King U-thong () or King Ramathibodi I ( ; 1314–1369) was the first king of the kingdom Ayutthaya (now part of Thailand), reigning from 1351 to 1369. He was known as Prince U Thong (meaning "Golden Cradle") before he ascended to the throne in 1350.  There are many theories about Uthong's background, including possibly being a descendant of Mangrai.

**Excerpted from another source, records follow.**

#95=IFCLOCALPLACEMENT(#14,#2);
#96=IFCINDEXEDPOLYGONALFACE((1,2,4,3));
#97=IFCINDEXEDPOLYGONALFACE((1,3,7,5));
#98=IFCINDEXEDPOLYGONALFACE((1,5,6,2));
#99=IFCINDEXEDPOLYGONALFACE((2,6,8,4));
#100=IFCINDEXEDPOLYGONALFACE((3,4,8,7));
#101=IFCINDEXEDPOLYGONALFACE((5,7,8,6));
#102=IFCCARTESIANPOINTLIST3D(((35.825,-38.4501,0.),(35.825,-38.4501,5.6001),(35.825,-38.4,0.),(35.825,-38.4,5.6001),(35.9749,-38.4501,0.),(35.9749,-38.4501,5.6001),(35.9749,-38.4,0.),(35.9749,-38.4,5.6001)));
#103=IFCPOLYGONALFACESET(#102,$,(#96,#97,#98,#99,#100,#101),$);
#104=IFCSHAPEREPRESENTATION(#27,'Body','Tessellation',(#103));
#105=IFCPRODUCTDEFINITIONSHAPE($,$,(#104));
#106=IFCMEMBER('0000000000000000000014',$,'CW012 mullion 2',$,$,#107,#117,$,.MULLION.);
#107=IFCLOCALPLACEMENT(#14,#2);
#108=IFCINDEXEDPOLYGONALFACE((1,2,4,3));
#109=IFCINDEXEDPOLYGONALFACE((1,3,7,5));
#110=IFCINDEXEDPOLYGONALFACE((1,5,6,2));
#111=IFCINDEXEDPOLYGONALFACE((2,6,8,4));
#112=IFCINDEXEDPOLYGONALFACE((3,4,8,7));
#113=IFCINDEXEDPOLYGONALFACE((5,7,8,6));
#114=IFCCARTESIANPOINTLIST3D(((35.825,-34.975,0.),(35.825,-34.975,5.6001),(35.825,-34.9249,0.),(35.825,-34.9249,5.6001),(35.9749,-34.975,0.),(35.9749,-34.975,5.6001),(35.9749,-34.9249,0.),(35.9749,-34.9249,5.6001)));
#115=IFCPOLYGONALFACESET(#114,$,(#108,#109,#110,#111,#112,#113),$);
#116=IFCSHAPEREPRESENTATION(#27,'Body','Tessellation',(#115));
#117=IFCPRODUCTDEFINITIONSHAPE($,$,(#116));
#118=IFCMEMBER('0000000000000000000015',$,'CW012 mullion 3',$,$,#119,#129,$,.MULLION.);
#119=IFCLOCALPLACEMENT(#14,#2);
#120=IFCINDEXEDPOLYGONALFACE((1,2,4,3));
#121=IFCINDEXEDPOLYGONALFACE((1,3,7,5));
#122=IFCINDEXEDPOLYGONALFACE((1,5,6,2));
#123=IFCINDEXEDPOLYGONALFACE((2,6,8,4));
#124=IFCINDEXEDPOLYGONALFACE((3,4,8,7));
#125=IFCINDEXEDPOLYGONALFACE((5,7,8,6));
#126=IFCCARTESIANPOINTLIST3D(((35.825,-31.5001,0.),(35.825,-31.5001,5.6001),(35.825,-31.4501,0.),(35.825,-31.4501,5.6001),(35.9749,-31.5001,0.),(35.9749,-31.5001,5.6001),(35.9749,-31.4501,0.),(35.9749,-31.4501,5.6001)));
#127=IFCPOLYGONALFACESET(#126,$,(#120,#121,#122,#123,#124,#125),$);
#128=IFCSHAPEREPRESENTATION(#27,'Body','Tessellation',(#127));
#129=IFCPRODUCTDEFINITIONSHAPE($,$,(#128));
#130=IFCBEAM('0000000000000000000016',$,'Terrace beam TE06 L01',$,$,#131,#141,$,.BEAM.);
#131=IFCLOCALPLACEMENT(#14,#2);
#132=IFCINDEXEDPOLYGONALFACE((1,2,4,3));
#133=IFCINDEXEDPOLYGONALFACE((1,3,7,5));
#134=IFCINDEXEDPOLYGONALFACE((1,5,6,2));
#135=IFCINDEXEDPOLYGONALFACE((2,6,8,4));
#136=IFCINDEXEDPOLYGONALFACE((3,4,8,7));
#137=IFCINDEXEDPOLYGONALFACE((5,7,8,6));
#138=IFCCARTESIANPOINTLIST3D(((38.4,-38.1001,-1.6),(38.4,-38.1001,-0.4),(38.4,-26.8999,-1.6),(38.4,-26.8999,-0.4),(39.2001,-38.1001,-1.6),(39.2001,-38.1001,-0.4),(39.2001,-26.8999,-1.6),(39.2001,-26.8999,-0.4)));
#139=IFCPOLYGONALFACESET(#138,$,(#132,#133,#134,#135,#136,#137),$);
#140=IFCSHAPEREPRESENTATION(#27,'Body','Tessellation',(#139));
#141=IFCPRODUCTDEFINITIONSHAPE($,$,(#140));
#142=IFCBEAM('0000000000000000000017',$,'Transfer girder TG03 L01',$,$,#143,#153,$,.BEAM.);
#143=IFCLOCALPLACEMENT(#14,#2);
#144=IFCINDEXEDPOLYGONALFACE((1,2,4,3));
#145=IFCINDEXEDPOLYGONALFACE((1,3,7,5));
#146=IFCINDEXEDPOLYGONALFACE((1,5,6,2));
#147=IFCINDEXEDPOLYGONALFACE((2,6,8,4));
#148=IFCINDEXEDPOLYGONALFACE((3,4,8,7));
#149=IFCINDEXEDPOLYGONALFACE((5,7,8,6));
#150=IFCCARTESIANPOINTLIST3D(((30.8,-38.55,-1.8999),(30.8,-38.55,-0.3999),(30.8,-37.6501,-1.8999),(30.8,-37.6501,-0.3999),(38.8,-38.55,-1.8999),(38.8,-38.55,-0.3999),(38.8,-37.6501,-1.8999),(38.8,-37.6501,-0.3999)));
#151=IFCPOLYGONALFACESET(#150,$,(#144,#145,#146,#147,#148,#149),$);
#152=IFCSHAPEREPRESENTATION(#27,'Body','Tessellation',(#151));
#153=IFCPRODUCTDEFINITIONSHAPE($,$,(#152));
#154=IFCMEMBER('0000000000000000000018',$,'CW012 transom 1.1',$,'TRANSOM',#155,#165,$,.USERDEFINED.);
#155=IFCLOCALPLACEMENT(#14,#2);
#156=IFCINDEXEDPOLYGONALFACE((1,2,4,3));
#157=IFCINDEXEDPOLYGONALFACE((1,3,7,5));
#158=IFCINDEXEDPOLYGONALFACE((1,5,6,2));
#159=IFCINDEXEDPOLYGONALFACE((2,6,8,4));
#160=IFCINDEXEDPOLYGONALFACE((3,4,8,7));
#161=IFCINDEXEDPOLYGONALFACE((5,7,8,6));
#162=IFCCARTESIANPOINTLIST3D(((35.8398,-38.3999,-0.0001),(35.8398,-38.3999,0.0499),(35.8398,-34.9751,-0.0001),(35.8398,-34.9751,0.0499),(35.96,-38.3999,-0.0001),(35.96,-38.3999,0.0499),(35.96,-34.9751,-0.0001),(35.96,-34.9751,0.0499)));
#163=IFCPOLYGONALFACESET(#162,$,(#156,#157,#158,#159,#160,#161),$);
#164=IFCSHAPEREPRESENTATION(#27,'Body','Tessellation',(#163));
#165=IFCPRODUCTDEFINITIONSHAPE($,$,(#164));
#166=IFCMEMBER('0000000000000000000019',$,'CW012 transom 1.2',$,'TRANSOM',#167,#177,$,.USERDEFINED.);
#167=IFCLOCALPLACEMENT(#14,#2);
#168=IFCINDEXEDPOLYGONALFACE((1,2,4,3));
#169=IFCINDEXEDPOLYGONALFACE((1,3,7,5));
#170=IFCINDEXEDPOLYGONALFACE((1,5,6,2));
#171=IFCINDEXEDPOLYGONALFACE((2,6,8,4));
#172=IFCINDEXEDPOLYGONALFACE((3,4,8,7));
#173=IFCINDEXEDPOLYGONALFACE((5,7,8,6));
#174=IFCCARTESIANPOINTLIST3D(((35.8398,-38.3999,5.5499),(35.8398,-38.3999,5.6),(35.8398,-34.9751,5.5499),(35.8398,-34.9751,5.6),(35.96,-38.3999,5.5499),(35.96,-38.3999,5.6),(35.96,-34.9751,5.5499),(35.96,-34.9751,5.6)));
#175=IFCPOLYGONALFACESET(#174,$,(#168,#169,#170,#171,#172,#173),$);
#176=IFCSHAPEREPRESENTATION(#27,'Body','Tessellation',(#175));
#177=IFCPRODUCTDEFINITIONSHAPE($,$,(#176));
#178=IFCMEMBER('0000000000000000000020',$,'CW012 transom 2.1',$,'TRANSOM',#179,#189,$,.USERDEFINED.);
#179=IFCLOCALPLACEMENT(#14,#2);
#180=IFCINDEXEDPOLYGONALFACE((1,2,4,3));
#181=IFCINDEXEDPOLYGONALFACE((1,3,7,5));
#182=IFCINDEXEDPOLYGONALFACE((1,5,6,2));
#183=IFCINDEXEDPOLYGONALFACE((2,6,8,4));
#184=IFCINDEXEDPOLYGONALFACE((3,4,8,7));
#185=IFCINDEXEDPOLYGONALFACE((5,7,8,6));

According to a better-known source, a seventeenth-century account by Dutchman Jeremias Van Vliet, a Renowned Legend stated that Ramatibodi was an ethnic Chinese, having sailed down from China. After succeeding in trade, he became influential enough to rule the city of Phetchaburi, a coastal town of the Gulf of Thailand, before travelling up to Ayutthaya.

Ramathibodi I established four Great Officers of State.  These were the Ministry of the Interior (Wieng), the Ministry of the Treasury (Klang), the Ministry for the King's Household (Wang), and the Ministry of Agriculture (Na).  He also codified the T'ai laws.  Finally, he formed an alliance with the Ming Dynasty. 

He established his own capital in the new city of Ayutthaya.  King Ramathabodi's reign included Korat, Chantaburi, Tavoy, Tenasserim, and large parts of Malaya.

In 1352 he laid siege to Yasodharapura.  He was successful the following year and placed one of his sons on the throne.  However, they were only able to keep the throne until 1357, when the Khmers were able to regain it.  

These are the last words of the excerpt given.